What are web services? While this might seem a simple question, this book demonstrates that the query has many answers. Much of this is because the typical conversation about web services suffers from the blending of several distinct concepts. Most software developers focus on the technical underpinnings that make communication possible (such as SOAP and XML-RPC). Others add to the web services category developer infrastructure, such as WSDL, the Web Services Description Language. Some even include a wide host of other pieces, including a mind-numbing array of standards (some real, some theoretical).
Because of this confusion, we must define what is meant by the term web services. Here's a good start:
Web Services: A vague term that refers to distributed or virtual applications or processes that use the Internet to link activities or software components. A travel Web site that takes a reservation from a customer, and then sends a message to a hotel application, accessed via the Web, to determine if a room is available, books it, and tells the customer he or she has a reservation is an example of a Web Services application.

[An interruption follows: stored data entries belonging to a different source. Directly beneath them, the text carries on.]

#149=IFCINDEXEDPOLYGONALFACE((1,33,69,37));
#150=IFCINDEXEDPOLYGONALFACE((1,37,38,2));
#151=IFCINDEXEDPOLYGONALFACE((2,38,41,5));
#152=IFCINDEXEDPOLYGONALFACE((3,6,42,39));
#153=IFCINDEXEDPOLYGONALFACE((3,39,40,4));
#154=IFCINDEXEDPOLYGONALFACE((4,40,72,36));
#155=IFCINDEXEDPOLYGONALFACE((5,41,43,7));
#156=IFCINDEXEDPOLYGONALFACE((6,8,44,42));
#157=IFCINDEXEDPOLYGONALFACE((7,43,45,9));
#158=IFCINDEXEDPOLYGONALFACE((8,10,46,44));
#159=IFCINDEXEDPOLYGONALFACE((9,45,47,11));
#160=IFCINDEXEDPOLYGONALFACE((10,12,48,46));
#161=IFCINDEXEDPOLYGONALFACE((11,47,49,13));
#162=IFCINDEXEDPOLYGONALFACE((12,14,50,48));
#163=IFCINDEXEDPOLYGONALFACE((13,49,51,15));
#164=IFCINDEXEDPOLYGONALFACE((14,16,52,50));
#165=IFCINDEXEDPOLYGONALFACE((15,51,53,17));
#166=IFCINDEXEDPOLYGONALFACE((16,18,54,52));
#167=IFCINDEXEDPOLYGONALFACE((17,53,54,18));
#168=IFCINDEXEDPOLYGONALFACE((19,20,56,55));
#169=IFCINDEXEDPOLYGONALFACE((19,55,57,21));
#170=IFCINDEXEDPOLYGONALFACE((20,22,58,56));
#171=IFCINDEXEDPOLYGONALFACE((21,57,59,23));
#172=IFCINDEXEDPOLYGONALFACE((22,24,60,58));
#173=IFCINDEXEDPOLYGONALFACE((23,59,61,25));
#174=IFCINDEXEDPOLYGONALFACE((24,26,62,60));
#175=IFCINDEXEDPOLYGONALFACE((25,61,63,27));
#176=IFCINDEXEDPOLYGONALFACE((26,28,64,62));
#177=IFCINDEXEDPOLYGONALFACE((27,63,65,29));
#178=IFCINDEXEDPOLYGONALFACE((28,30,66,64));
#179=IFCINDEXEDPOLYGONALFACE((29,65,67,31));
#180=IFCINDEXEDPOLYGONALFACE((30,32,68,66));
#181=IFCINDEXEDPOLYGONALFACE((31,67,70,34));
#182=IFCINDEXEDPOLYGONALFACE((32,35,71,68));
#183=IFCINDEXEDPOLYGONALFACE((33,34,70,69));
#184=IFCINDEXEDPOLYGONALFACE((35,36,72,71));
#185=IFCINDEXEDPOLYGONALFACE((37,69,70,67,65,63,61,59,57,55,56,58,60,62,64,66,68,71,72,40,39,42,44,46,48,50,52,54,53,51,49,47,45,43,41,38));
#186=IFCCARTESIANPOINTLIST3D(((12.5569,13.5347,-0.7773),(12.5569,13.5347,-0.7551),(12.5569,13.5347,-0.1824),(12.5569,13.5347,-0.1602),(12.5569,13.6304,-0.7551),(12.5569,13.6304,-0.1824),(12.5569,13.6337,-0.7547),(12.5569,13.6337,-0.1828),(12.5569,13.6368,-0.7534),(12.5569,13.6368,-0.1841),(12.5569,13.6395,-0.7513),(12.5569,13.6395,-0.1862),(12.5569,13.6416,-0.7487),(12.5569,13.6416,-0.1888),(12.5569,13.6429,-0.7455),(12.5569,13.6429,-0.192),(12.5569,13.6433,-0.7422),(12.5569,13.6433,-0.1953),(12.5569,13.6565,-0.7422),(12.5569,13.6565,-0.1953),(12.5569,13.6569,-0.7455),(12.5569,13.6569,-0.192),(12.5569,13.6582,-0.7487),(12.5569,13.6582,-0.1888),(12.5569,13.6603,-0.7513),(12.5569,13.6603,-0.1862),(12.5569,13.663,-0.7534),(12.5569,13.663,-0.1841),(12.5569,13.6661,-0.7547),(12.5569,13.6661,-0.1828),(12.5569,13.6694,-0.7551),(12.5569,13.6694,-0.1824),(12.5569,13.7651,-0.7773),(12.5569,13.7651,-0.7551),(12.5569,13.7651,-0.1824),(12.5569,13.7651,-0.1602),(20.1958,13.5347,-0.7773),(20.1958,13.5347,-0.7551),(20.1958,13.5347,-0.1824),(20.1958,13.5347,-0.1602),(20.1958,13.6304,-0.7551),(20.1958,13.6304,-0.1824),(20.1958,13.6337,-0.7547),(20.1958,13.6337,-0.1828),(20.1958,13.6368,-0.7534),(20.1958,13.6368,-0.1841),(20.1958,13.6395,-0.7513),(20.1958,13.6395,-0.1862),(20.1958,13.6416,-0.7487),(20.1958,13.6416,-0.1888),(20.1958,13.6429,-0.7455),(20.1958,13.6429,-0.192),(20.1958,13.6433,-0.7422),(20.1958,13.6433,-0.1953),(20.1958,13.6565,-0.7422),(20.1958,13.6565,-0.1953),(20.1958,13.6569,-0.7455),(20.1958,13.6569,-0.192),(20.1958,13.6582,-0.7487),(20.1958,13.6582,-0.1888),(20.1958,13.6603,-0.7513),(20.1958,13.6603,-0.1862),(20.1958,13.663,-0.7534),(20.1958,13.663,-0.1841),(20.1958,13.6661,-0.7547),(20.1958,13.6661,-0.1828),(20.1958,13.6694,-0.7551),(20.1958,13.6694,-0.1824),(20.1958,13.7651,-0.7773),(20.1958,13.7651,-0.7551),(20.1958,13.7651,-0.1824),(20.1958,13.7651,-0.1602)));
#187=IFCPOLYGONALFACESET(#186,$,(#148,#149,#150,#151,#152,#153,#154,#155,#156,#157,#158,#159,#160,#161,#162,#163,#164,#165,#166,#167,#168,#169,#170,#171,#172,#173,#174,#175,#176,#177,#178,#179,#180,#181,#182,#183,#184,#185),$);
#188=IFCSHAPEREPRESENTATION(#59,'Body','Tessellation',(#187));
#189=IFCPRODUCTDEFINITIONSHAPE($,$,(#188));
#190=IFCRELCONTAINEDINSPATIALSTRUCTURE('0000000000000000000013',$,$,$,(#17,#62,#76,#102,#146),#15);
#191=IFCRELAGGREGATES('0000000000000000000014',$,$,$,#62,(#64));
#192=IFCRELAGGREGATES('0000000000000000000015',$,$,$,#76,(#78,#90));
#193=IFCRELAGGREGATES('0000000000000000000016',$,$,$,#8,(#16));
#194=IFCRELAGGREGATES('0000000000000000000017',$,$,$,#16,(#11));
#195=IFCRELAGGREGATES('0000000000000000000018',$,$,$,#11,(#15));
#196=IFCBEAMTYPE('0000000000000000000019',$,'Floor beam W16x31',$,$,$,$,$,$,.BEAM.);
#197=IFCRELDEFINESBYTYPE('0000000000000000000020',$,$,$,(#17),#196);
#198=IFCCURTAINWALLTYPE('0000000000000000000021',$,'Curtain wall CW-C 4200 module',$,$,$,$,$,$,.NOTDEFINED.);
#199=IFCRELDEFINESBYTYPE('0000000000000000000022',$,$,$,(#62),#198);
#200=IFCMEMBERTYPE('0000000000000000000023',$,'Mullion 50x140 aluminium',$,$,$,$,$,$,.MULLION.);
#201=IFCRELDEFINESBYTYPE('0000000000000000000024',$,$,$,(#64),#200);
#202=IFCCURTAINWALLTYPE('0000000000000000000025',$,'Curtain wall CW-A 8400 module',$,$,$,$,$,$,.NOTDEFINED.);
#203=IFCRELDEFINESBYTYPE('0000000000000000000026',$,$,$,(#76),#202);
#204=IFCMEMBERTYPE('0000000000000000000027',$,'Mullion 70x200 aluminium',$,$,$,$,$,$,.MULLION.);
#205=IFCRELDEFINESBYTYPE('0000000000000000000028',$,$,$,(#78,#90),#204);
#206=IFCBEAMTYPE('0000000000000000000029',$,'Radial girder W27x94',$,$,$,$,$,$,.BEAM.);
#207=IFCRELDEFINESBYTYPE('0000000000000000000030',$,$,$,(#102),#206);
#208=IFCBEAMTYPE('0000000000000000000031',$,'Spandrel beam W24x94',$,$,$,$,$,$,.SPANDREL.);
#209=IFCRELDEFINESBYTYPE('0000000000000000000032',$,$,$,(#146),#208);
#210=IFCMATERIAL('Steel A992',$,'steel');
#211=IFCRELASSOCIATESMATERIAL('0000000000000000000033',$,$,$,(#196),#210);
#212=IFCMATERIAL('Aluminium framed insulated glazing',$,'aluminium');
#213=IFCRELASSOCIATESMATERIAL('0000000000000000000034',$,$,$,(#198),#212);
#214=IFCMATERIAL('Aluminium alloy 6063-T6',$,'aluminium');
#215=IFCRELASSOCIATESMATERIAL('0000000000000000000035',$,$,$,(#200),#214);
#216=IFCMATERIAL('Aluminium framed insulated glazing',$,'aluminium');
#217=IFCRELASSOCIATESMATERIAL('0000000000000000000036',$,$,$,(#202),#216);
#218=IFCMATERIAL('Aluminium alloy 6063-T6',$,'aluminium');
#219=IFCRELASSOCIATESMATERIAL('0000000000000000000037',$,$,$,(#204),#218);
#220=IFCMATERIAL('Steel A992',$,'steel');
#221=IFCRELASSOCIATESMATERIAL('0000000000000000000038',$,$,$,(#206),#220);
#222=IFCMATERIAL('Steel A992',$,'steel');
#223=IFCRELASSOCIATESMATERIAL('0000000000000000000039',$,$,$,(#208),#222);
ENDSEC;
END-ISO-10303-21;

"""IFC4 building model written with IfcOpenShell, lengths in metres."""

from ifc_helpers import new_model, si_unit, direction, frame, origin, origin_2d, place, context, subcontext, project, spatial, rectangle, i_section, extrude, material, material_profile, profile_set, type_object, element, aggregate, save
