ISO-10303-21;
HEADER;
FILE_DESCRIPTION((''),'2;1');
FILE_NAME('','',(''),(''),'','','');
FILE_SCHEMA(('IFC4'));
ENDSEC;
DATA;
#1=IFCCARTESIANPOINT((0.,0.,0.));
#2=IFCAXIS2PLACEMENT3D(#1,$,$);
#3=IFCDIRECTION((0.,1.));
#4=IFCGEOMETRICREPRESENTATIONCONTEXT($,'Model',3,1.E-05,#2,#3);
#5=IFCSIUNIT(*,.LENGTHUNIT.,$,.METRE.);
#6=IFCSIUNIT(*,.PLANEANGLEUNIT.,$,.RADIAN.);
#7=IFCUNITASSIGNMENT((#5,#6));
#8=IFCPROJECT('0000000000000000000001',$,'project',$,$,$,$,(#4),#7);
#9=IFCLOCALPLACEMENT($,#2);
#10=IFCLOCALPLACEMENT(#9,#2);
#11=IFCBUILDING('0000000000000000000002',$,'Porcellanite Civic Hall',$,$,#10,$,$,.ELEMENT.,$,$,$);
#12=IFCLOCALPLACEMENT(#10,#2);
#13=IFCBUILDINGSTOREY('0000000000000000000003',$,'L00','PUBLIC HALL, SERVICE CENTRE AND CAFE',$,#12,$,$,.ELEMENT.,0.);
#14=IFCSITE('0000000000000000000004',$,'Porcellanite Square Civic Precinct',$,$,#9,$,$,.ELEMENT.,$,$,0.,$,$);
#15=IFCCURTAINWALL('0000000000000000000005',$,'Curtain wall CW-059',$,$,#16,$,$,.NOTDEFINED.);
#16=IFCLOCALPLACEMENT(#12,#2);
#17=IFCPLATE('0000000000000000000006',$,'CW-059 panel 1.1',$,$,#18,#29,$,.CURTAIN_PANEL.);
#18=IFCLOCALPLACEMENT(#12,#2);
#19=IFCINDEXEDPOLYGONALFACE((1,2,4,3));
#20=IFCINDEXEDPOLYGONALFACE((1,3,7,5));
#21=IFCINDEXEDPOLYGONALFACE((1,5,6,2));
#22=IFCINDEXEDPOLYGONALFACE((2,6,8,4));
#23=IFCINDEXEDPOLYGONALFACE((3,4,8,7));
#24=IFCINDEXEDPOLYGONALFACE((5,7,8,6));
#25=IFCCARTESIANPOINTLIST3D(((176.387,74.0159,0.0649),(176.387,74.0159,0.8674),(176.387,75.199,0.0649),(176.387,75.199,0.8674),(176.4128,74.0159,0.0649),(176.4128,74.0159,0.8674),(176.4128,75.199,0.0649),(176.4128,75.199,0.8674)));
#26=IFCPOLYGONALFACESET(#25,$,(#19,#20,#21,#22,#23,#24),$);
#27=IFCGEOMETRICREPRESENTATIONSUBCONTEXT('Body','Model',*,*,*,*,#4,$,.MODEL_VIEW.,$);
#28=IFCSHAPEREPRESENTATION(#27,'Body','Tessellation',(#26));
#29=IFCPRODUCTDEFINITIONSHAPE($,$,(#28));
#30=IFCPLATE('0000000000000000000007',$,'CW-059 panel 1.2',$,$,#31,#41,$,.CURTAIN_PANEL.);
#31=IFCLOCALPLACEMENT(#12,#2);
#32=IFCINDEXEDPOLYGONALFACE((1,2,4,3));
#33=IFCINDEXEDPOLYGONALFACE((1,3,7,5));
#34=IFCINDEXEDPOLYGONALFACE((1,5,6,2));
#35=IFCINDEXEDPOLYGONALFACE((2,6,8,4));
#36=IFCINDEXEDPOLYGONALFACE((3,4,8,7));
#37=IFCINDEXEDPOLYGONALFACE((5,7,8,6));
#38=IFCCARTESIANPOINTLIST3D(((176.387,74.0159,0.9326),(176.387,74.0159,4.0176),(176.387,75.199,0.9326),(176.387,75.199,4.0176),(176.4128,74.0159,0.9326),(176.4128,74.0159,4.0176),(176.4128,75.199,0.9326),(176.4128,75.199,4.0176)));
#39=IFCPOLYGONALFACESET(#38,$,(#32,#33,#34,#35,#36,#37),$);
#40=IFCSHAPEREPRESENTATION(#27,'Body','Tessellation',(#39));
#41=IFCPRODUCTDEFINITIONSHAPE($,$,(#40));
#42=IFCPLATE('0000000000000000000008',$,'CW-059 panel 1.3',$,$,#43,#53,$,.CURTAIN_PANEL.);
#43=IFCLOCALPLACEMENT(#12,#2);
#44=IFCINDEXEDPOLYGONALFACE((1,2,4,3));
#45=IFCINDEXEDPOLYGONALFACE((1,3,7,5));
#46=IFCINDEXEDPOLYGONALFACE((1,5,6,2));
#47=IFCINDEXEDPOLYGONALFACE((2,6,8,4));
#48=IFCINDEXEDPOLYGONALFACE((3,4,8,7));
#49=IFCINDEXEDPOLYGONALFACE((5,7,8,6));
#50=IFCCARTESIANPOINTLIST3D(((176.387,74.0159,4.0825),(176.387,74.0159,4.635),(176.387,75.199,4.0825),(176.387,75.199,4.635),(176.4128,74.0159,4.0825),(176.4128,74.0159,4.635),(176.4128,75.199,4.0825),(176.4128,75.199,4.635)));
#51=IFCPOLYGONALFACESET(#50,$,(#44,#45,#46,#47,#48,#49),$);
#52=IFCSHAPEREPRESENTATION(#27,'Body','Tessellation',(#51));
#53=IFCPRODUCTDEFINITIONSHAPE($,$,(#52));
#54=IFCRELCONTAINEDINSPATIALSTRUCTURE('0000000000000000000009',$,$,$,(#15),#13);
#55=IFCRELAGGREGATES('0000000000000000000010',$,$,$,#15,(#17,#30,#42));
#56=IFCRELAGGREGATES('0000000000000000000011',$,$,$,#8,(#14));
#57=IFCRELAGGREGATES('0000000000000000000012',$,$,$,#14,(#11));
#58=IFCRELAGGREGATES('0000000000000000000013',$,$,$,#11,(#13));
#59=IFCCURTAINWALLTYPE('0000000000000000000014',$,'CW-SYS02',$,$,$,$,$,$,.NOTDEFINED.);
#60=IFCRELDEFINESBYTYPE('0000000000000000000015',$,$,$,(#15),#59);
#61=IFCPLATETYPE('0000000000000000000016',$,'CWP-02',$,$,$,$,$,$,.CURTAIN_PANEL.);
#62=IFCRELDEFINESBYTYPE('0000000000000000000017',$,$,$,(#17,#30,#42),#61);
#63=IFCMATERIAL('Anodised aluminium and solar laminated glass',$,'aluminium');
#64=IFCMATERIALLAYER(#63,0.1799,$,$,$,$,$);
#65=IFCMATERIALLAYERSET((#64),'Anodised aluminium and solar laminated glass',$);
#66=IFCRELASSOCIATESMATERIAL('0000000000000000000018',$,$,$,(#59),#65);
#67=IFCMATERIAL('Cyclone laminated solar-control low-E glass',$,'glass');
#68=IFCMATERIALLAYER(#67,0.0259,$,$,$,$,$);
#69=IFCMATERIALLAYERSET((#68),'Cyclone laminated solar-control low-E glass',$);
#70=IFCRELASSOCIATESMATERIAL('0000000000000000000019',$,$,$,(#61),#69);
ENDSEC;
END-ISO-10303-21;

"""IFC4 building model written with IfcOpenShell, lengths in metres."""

from ifc_helpers import new_model, si_unit, direction, frame, origin, origin_2d, place, context, subcontext, project, spatial, rectangle, extrude, material, layer, layer_set, type_object, element, aggregate, save


model = new_model("IFC4")

# Units and contexts
model_context = context("Model", 3, precision=1e-05, world=origin(), true_north=direction((0.0, 1.0)))
body_context = subcontext(model_context, "Body", "Model", "MODEL_VIEW")
ifc_project = project(units=[si_unit("LENGTHUNIT", "METRE"), si_unit("PLANEANGLEUNIT", "RADIAN")], contexts=[model_context])

# Site, building, storey
site_placement = place(None, origin())
site = spatial("IfcSite", under=ifc_project, at=site_placement, Name="Porcellanite Square Civic Precinct", CompositionType="ELEMENT", RefElevation=0.0)
building_placement = place(site_placement, origin())
building = spatial("IfcBuilding", under=site, at=building_placement, Name="Porcellanite Civic Hall", CompositionType="ELEMENT")
storey_placement = place(building_placement, origin())
storey = spatial("IfcBuildingStorey", under=building, at=storey_placement, Name="L00", Description="PUBLIC HALL, SERVICE CENTRE AND CAFE", CompositionType="ELEMENT", Elevation=0.0)

# Shared definitions
ifc_material_1 = material(Name="Anodised aluminium and solar laminated glass", Category="aluminium")
ifc_layer_1 = layer(ifc_material_1, 0.1799)
ifc_layer_set_1 = layer_set([ifc_layer_1], Name="Anodised aluminium and solar laminated glass")
curtain_wall_type = type_object("IfcCurtainWallType", Name="CW-SYS02", PredefinedType="NOTDEFINED", material=ifc_layer_set_1)

# Curtain wall
curtain_wall_1_placement = place(storey_placement, origin())
curtain_wall_1 = element("IfcCurtainWall", 1, at=curtain_wall_1_placement, inside=storey, type_object=curtain_wall_type, Name="Curtain wall CW-059", PredefinedType="NOTDEFINED")

# Plates
ifc_material_2 = material(Name="Cyclone laminated solar-control low-E glass", Category="glass")
ifc_layer_2 = layer(ifc_material_2, 0.0259)
ifc_layer_set_2 = layer_set([ifc_layer_2], Name="Cyclone laminated solar-control low-E glass")
plate_type = type_object("IfcPlateType", Name="CWP-02", PredefinedType="CURTAIN_PANEL", material=ifc_layer_set_2)
plate_1_placement = place(storey_placement, frame((176.3999, 74.6074, 0.0649), z_axis=(0.0, 0.0, 1.0), x_axis=(0.0, -1.0, 0.0)))
plate_1 = element("IfcPlate", 2, at=plate_1_placement, type_object=plate_type, Name="CW-059 panel 1.1", PredefinedType="CURTAIN_PANEL", context=body_context, shape_type="SweptSolid", body=[
    extrude(rectangle(XDim=1.1831, YDim=0.0259, at=origin_2d()), origin(), (0.0, 0.0, 1.0), 0.8025),
])
plate_2_placement = place(storey_placement, frame((176.3999, 74.6074, 0.9326), z_axis=(0.0, 0.0, 1.0), x_axis=(0.0, -1.0, 0.0)))
plate_2 = element("IfcPlate", 3, at=plate_2_placement, type_object=plate_type, Name="CW-059 panel 1.2", PredefinedType="CURTAIN_PANEL", context=body_context, shape_type="SweptSolid", body=[
    extrude(rectangle(XDim=1.1831, YDim=0.0259, at=origin_2d()), origin(), (0.0, 0.0, 1.0), 3.085),
])
plate_3_placement = place(storey_placement, frame((176.3999, 74.6074, 4.0825), z_axis=(0.0, 0.0, 1.0), x_axis=(0.0, -1.0, 0.0)))
plate_3 = element("IfcPlate", 4, at=plate_3_placement, type_object=plate_type, Name="CW-059 panel 1.3", PredefinedType="CURTAIN_PANEL", context=body_context, shape_type="SweptSolid", body=[
    extrude(rectangle(XDim=1.1831, YDim=0.0259, at=origin_2d()), origin(), (0.0, 0.0, 1.0), 0.5525),
])
aggregate(curtain_wall_1, [plate_1, plate_2, plate_3])

save(model, "model.ifc")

This is a great start, but it still needs to be clarified a bit. This book doesn't engage in an intellectual debate as to the "correctness" of web services on a theological level. Instead, it focuses on the practical, real world usage of web services. For this book's purposes, web services are the latest evolution in distributed computing, allowing for structured communication via Internet protocols. As you'll see, this includes everything from sending HTTP GET commands to retrieving an XML document through the use of SOAP and various vendor SDKs.